Scroll down to read the pros and cons of merchant service
charges.
The criticism
An excerpt of the
speech by Joaquín Almunia, vice president of the European
Commission responsible for competition policy on the cards and
payments market in Europe on 14 December 2011
(…) we need
to develop more integrated and more competition-friendly business
models.
Card-payment
markets are still fragmented. In many Member States inter-bank fees
are still considerably higher than the levels agreed by Visa and
MasterCard for cross-border transactions and their levels vary
widely from country to country.
For instance,
in Belgium the interchange fee for a €50 debit-card transaction is
about 10 euro cents, whereas in Poland it can be as much as 80
cents.
To an average
retailer, this difference can add up to over €200,000 per year for
the same transactions.
In addition,
retailers cannot benefit from the lower fees that they may find in
other EU countries because they cannot use the services of an
acquirer established abroad.
(…) we need
to avoid importing the issues that afflict the cards market into
the new payment instruments.
One example
is the perverse effect of the interchange-fee model which currently
dominates the payment-card sector.
On the one
hand, card schemes compete for issuing banks by offering higher
interchange fees; acquiring banks then charge these fees to
retailers who cannot refuse for fear of losing customers.
On the other
hand, banks and payment-card schemes create incentives for
consumers to use the high-fee cards, and consumers are happy to use
them because they cannot see the true costs of payments.
This system
leads to a form of inverse competition – a competition for higher
fees – which is clearly not in the interest of merchants,
consumers, and the market as a whole.
Inverse
competition is a fact; the most expensive schemes are actually
taking over the market in parts of the Union.
I do not mean
to say that collective interchange fees are unjustified in all
cases; it is rather their level that is a matter of concern
(…).
The
interchange-fee model has a negative spill over effect on new
players and systems, including the non-card systems of the
future.
This is
partly because banks are reluctant to issue cheaper cards as they
do not want to lose the revenues that the present fees bring to
their coffers.
Two sides to a story
We have had a look at the
industry’s responses to the sector inquiry in 2006 and summed up
the views of the industry.
Are high merchant
service charges a competitiveness issue for the EU
economy?
Yes…
- High
interchange, scheme, authorisation and settlement fees are a burden
for merchants and often influence their prices, or leads to
surcharges.
No…
- The profit from
high margins can be used to invest in improvements to the payments
system, including fraud prevention and efficiency.
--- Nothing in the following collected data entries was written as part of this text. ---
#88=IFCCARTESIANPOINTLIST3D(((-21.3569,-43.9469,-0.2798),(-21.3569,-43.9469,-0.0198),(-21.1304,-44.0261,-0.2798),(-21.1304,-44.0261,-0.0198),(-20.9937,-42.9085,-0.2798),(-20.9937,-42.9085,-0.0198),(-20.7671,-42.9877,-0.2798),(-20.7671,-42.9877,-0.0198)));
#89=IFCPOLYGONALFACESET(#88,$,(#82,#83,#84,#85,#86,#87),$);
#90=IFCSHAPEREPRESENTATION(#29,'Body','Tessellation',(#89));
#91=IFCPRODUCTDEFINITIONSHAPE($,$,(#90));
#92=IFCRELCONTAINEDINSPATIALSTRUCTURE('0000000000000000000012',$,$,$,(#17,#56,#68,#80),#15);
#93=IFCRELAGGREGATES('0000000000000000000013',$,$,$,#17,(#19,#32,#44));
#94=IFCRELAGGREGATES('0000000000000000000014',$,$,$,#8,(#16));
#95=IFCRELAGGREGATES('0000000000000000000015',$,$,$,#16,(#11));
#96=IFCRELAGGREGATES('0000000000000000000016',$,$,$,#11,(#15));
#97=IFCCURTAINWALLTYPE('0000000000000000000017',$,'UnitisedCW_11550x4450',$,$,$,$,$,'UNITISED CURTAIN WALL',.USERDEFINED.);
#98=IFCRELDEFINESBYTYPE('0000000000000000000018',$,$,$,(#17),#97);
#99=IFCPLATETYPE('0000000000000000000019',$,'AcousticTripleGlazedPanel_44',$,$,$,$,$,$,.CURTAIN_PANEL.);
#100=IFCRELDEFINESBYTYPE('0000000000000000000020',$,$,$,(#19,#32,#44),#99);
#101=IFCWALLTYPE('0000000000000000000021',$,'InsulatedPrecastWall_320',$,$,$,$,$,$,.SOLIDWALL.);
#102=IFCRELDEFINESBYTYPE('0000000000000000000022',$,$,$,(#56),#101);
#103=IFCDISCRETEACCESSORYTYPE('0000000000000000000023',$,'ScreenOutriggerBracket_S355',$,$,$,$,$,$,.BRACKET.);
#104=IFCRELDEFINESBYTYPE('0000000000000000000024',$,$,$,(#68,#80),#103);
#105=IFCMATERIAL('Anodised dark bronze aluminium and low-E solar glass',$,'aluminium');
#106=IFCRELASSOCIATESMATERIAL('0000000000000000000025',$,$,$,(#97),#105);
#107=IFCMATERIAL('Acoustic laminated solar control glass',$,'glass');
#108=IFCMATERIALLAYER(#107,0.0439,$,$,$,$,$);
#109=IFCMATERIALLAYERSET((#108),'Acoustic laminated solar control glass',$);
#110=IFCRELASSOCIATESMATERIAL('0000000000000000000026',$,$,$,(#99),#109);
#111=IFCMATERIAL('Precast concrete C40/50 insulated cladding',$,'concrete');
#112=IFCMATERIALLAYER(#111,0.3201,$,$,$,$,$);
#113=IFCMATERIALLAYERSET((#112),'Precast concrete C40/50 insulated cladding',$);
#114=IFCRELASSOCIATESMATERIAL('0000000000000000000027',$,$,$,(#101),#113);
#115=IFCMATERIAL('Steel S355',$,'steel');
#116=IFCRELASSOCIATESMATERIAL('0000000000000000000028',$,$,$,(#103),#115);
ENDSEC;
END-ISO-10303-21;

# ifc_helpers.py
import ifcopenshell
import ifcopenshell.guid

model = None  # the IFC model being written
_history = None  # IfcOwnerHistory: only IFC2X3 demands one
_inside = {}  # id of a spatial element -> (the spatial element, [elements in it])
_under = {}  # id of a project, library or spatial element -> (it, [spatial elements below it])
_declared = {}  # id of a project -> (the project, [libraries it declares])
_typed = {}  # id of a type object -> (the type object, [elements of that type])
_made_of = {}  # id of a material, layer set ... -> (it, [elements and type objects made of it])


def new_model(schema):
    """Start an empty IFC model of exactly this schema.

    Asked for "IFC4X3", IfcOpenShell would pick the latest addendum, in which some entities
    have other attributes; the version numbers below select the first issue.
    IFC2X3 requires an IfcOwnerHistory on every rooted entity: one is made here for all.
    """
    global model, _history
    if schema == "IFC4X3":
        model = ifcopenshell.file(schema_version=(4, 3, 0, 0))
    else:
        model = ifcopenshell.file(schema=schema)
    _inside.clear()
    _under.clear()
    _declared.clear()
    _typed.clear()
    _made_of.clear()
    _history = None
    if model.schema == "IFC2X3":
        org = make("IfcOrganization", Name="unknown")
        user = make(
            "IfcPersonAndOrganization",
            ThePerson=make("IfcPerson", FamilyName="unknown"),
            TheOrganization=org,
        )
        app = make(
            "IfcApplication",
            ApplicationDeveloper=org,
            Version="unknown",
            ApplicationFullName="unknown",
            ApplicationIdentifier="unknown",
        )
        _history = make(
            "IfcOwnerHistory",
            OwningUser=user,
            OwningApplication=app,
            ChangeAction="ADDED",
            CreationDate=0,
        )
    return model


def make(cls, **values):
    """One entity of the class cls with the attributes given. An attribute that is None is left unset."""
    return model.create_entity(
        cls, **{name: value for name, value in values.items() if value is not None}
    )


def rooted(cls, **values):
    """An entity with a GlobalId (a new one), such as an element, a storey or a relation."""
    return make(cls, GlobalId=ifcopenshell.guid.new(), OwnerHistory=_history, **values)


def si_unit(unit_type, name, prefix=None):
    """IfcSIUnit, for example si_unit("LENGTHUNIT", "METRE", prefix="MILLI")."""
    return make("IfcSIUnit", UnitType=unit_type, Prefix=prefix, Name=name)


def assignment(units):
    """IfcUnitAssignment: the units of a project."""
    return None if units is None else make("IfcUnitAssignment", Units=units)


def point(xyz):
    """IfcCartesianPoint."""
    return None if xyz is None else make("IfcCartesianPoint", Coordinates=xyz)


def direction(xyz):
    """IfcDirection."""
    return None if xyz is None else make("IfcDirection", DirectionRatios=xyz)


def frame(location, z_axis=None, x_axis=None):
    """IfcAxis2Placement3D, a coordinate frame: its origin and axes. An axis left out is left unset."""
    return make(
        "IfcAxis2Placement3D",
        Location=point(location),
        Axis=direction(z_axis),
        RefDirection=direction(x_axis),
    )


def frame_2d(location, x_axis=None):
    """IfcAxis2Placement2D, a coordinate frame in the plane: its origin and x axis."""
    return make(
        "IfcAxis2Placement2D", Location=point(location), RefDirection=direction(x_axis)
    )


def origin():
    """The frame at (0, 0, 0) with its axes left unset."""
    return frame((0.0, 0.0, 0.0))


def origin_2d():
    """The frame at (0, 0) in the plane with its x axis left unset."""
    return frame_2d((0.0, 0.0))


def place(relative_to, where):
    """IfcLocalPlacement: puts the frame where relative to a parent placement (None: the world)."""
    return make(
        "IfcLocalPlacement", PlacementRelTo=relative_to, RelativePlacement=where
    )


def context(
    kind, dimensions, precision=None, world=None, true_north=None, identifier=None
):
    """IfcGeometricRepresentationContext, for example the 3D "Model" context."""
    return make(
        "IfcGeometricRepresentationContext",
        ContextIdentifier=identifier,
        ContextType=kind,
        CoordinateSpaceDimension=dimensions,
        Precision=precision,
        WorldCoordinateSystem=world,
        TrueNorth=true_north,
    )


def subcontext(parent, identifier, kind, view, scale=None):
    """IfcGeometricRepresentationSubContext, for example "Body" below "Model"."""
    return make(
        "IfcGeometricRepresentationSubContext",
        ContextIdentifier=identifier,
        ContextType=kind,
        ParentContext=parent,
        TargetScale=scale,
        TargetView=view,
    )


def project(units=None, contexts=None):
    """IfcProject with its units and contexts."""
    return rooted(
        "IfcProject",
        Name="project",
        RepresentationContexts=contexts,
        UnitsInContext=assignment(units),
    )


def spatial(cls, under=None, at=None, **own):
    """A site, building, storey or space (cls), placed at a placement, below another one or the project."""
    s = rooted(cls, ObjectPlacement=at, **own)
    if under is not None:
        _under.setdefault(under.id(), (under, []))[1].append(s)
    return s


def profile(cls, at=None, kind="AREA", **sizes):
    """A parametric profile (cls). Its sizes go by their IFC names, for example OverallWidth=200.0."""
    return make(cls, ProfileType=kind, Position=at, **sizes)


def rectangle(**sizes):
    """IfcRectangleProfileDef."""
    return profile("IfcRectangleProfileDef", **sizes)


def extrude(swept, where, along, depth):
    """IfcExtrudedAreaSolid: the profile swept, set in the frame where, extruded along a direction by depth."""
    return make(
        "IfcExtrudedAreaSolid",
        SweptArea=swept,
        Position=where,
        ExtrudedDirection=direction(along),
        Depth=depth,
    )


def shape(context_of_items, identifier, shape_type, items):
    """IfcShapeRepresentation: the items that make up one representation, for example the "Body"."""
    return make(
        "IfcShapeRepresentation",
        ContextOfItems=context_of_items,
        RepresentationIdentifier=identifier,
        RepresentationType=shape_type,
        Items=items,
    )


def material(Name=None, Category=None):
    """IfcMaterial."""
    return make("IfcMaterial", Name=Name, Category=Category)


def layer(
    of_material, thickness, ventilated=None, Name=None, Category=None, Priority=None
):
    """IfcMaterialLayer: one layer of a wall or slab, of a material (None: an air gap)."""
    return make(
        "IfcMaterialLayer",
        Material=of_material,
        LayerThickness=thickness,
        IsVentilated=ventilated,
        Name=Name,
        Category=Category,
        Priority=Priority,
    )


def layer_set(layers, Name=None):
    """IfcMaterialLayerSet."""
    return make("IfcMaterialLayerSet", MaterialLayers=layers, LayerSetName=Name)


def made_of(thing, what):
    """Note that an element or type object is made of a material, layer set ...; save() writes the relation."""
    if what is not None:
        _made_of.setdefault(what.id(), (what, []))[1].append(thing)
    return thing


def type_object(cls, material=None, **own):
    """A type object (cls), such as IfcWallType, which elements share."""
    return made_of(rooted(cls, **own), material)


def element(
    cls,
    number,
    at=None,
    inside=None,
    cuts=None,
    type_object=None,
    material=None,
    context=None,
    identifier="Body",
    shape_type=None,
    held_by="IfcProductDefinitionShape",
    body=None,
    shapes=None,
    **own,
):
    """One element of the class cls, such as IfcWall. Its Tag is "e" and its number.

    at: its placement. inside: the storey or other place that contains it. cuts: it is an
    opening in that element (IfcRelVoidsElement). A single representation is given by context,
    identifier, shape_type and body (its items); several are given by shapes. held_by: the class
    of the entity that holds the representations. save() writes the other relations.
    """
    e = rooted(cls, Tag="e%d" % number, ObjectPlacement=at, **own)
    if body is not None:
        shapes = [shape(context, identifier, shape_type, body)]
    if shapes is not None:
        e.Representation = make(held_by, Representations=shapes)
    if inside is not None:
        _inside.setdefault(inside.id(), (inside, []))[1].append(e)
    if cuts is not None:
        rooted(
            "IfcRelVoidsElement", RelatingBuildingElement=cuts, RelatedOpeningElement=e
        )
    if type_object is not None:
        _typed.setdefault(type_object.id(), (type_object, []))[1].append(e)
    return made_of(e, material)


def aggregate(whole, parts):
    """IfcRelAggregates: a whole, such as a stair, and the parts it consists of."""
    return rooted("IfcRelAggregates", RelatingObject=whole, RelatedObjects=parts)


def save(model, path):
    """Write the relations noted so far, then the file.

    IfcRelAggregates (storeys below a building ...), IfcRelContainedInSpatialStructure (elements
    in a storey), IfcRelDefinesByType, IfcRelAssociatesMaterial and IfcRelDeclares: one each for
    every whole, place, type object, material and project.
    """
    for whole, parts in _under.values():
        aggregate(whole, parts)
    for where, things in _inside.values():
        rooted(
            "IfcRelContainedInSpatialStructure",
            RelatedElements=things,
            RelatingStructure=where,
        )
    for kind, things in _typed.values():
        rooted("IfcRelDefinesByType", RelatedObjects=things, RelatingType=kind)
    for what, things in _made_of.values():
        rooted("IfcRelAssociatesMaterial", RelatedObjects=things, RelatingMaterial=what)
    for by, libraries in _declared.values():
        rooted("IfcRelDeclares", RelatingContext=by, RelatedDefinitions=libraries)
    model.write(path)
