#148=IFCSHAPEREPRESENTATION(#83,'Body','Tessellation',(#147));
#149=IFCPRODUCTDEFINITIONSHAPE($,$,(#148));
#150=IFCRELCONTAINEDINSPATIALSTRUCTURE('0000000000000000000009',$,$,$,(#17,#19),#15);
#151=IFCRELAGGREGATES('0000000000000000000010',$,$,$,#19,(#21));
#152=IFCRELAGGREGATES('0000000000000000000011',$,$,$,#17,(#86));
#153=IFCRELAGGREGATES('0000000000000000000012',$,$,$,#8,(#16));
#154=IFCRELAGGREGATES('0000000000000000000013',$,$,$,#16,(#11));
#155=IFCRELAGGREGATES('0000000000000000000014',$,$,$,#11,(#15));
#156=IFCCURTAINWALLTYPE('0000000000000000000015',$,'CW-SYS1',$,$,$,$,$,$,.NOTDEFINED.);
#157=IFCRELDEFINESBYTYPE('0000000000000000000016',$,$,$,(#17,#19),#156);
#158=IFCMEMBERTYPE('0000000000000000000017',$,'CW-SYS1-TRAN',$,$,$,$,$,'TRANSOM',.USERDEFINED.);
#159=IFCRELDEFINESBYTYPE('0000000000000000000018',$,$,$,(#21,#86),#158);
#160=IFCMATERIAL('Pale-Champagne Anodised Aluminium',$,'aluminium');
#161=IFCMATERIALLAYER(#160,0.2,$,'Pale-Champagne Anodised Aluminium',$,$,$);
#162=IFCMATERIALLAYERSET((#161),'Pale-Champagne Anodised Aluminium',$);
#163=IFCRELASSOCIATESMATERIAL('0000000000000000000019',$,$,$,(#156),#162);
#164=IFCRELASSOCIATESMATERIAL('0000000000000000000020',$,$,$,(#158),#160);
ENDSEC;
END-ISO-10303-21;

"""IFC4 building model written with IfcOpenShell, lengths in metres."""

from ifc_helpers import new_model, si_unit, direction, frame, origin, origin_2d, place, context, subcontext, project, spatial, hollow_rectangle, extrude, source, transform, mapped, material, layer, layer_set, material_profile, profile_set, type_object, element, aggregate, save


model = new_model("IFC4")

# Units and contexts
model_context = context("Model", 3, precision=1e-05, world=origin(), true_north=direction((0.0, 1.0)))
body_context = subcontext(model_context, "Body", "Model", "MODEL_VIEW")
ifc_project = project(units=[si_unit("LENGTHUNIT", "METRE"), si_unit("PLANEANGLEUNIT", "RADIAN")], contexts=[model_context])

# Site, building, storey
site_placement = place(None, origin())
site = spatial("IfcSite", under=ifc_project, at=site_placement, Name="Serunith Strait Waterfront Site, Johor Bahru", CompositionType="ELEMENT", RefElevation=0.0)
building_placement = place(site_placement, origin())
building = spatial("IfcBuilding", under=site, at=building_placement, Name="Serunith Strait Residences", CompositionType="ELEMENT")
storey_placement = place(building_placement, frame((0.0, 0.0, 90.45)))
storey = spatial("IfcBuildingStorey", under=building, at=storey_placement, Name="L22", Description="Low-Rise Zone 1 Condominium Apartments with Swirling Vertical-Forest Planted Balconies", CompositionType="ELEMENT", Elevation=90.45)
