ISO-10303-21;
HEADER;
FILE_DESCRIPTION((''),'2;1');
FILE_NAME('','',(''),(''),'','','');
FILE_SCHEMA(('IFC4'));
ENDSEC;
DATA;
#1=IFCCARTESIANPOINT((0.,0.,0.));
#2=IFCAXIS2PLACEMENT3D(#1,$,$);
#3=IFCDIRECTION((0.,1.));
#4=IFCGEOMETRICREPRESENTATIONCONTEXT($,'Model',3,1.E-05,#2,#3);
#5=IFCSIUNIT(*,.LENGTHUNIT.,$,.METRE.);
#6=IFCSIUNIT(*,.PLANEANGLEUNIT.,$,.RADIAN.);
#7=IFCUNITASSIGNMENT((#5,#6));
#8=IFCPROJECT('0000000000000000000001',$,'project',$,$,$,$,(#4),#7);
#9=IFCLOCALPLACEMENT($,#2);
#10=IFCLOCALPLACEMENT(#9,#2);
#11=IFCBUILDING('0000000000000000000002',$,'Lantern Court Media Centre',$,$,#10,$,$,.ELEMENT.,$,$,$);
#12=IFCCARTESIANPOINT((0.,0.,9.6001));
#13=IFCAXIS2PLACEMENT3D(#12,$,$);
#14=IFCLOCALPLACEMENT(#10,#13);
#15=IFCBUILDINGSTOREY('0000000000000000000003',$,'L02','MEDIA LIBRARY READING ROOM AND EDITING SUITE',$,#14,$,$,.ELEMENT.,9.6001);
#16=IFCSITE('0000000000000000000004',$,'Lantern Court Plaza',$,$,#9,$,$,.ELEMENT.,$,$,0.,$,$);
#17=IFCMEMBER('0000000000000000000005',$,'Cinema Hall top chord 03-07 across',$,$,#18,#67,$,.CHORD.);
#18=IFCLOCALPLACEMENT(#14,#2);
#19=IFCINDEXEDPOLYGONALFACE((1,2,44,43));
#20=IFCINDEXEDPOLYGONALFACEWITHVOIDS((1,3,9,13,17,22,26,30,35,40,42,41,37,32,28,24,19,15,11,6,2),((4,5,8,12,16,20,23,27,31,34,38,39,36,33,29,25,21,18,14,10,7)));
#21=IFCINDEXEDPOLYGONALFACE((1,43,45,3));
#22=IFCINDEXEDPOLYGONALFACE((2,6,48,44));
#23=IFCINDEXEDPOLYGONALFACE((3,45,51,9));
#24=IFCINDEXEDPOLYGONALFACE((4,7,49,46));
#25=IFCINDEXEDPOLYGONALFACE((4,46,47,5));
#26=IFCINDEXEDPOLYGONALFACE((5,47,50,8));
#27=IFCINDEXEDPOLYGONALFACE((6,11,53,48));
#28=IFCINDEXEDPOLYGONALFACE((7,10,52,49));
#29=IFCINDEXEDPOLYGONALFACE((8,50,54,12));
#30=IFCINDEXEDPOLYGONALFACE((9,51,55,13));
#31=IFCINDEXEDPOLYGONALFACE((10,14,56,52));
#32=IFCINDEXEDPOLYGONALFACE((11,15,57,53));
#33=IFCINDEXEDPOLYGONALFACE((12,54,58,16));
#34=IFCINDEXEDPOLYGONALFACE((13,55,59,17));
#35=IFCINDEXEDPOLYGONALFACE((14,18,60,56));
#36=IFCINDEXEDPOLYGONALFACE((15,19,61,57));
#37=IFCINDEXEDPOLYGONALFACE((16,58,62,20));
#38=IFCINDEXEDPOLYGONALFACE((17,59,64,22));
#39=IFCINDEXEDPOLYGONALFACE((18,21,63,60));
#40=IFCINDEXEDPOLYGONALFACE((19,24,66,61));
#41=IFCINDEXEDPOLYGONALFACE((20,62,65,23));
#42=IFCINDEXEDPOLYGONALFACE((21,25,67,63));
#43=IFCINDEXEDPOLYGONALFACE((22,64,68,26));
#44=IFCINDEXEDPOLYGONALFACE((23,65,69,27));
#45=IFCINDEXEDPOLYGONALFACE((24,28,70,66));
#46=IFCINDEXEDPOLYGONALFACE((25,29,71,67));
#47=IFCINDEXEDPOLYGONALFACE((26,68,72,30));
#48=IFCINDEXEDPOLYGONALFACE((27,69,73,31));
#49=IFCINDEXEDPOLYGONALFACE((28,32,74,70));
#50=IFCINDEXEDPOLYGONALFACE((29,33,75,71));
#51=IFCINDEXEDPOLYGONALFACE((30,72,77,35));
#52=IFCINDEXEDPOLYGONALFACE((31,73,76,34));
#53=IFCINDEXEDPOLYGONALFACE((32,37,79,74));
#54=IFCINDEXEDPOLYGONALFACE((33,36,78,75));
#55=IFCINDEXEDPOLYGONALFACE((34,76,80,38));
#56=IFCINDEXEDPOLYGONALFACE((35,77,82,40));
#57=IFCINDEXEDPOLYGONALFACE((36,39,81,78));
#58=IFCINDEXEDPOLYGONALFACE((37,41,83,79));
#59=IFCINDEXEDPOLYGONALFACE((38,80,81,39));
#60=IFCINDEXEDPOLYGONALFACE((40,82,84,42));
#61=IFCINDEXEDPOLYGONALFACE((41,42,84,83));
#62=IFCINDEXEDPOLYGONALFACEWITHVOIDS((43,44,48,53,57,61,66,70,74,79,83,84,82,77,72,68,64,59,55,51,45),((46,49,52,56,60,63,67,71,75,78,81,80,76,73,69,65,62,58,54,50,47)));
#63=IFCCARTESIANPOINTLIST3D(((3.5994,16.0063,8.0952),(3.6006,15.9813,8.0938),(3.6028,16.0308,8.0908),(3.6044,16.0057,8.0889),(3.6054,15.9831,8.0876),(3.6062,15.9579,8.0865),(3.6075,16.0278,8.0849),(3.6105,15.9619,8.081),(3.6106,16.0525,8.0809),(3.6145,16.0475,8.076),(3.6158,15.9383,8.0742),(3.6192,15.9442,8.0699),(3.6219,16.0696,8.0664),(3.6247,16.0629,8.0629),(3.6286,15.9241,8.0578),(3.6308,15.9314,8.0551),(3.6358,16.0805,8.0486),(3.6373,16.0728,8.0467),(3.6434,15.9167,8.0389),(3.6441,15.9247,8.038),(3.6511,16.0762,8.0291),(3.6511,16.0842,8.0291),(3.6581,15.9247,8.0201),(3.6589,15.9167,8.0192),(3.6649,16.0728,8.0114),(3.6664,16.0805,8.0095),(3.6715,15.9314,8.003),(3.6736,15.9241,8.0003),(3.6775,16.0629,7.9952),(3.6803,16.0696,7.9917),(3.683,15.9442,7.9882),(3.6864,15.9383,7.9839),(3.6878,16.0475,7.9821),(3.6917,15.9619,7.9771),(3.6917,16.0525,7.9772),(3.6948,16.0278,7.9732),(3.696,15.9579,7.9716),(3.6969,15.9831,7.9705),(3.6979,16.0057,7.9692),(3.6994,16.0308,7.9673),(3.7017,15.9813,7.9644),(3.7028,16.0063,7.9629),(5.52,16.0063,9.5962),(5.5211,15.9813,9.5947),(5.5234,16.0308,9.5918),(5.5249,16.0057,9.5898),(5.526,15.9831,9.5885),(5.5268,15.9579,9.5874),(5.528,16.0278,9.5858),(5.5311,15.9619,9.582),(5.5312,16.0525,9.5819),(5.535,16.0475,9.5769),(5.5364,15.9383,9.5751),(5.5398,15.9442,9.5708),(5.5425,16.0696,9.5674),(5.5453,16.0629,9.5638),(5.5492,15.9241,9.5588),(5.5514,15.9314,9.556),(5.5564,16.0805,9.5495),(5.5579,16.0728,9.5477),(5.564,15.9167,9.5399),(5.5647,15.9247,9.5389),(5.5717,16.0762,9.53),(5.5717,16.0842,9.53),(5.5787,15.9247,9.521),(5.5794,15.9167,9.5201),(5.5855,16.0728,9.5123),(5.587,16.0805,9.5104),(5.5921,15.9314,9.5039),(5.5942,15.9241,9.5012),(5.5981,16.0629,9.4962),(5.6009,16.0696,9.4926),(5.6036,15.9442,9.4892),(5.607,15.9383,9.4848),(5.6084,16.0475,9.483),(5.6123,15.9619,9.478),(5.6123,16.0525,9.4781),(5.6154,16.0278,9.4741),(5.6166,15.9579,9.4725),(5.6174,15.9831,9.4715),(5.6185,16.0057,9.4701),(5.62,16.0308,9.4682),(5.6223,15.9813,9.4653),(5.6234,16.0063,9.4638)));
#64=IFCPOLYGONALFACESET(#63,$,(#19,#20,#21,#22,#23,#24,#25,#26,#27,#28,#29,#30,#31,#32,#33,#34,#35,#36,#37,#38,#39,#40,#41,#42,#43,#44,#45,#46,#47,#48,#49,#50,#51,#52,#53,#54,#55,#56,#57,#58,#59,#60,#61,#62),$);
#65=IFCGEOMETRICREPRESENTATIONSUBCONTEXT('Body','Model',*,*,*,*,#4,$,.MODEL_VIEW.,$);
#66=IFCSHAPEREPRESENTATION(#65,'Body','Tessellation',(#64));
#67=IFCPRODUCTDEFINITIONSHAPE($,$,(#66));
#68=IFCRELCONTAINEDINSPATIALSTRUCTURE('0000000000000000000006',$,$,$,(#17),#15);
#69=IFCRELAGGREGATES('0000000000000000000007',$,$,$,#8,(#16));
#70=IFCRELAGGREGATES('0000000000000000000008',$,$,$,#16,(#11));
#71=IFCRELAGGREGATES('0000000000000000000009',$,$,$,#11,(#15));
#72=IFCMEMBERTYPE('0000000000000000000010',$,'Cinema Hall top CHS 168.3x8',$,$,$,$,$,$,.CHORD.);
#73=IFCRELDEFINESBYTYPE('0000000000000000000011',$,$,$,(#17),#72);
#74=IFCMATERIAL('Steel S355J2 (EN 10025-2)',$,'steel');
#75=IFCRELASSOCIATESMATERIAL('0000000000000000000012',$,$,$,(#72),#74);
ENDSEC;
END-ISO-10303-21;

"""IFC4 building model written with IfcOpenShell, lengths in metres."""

from ifc_helpers import new_model, si_unit, direction, frame, origin, origin_2d, place, context, subcontext, project, spatial, hollow_circle, extrude, material, material_profile, profile_set, type_object, element, save


model = new_model("IFC4")

# Units and contexts
model_context = context("Model", 3, precision=1e-05, world=origin(), true_north=direction((0.0, 1.0)))
body_context = subcontext(model_context, "Body", "Model", "MODEL_VIEW")
ifc_project = project(units=[si_unit("LENGTHUNIT", "METRE"), si_unit("PLANEANGLEUNIT", "RADIAN")], contexts=[model_context])

# Site, building, storey
site_placement = place(None, origin())
site = spatial("IfcSite", under=ifc_project, at=site_placement, Name="Lantern Court Plaza", CompositionType="ELEMENT", RefElevation=0.0)
building_placement = place(site_placement, origin())
building = spatial("IfcBuilding", under=site, at=building_placement, Name="Lantern Court Media Centre", CompositionType="ELEMENT")
storey_placement = place(building_placement, frame((0.0, 0.0, 9.6001)))
storey = spatial("IfcBuildingStorey", under=building, at=storey_placement, Name="L02", Description="MEDIA LIBRARY READING ROOM AND EDITING SUITE", CompositionType="ELEMENT", Elevation=9.6001)

# Member
ifc_material = material(Name="Steel S355J2 (EN 10025-2)", Category="steel")
ifc_material_profile_1 = material_profile(ifc_material, hollow_circle(Radius=0.0842, WallThickness=0.0081, at=origin_2d()), Name="Cinema Hall top CHS 168.3x8")
ifc_profile_set_1 = profile_set([ifc_material_profile_1], Name="Steel S355J2 (EN 10025-2)")
member_type_1 = type_object("IfcMemberType", Name="Cinema Hall top CHS 168.3x8", PredefinedType="CHORD", material=ifc_profile_set_1)
member_1_placement = place(storey_placement, frame((3.6511, 16.0, 8.0291), z_axis=(0.787932, 0.0, 0.615763), x_axis=(0.0, 1.0, 0.0)))
element("IfcMember", 1, at=member_1_placement, inside=storey, type_object=member_type_1, Name="Cinema Hall top chord 03-07 across", PredefinedType="CHORD", context=body_context, shape_type="SweptSolid", body=[
    extrude(hollow_circle(Radius=0.0842, WallThickness=0.0081, at=origin_2d()), origin(), (0.0, 0.0, 1.0), 2.4375),
])

save(model, "model.ifc")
Given the
emergence of e- and m-commerce, there more investments take place,
so merchant fees are likely to decrease over
time. - Eliminating or
reducing merchant fees is not the solution to the problem because
each country has its own system and fees, and so, this
fragmentation is a bigger issue than the merchant service fee
itself.
Are there
justifications for (high) MSF?
No…
- Interchange
fees tend to be higher than system management costs. Interchange
also represents a minimum threshold to calculate merchant
fees. - National debit
schemes, such as Carte Bancaire in France and PagoBANCOMAT in
Italy, reduce the acquirer’s system management costs, so additional
fees (such as the merchant charge) should not be needed and are
considered unjustified revenue streams.
Yes…
- Card issuing is not an easy source of profit
(debit cards are mostly a by-product of current accounts). Issuers
pay cash withdrawal fees for cross-bank transactions. If this
system changes, schemes and banks will look to generate revenues
from elsewhere (charge for debit cards, for
instance). - Without interchange, four-party payment system
members could adopt a three-party model, which would be
closed-loop, and more choosy with potential participants. This
could leave to even higher merchant fees and
surcharges. - Without
interchange, product quality, variety and so, competition and
innovation could stall or be compromised.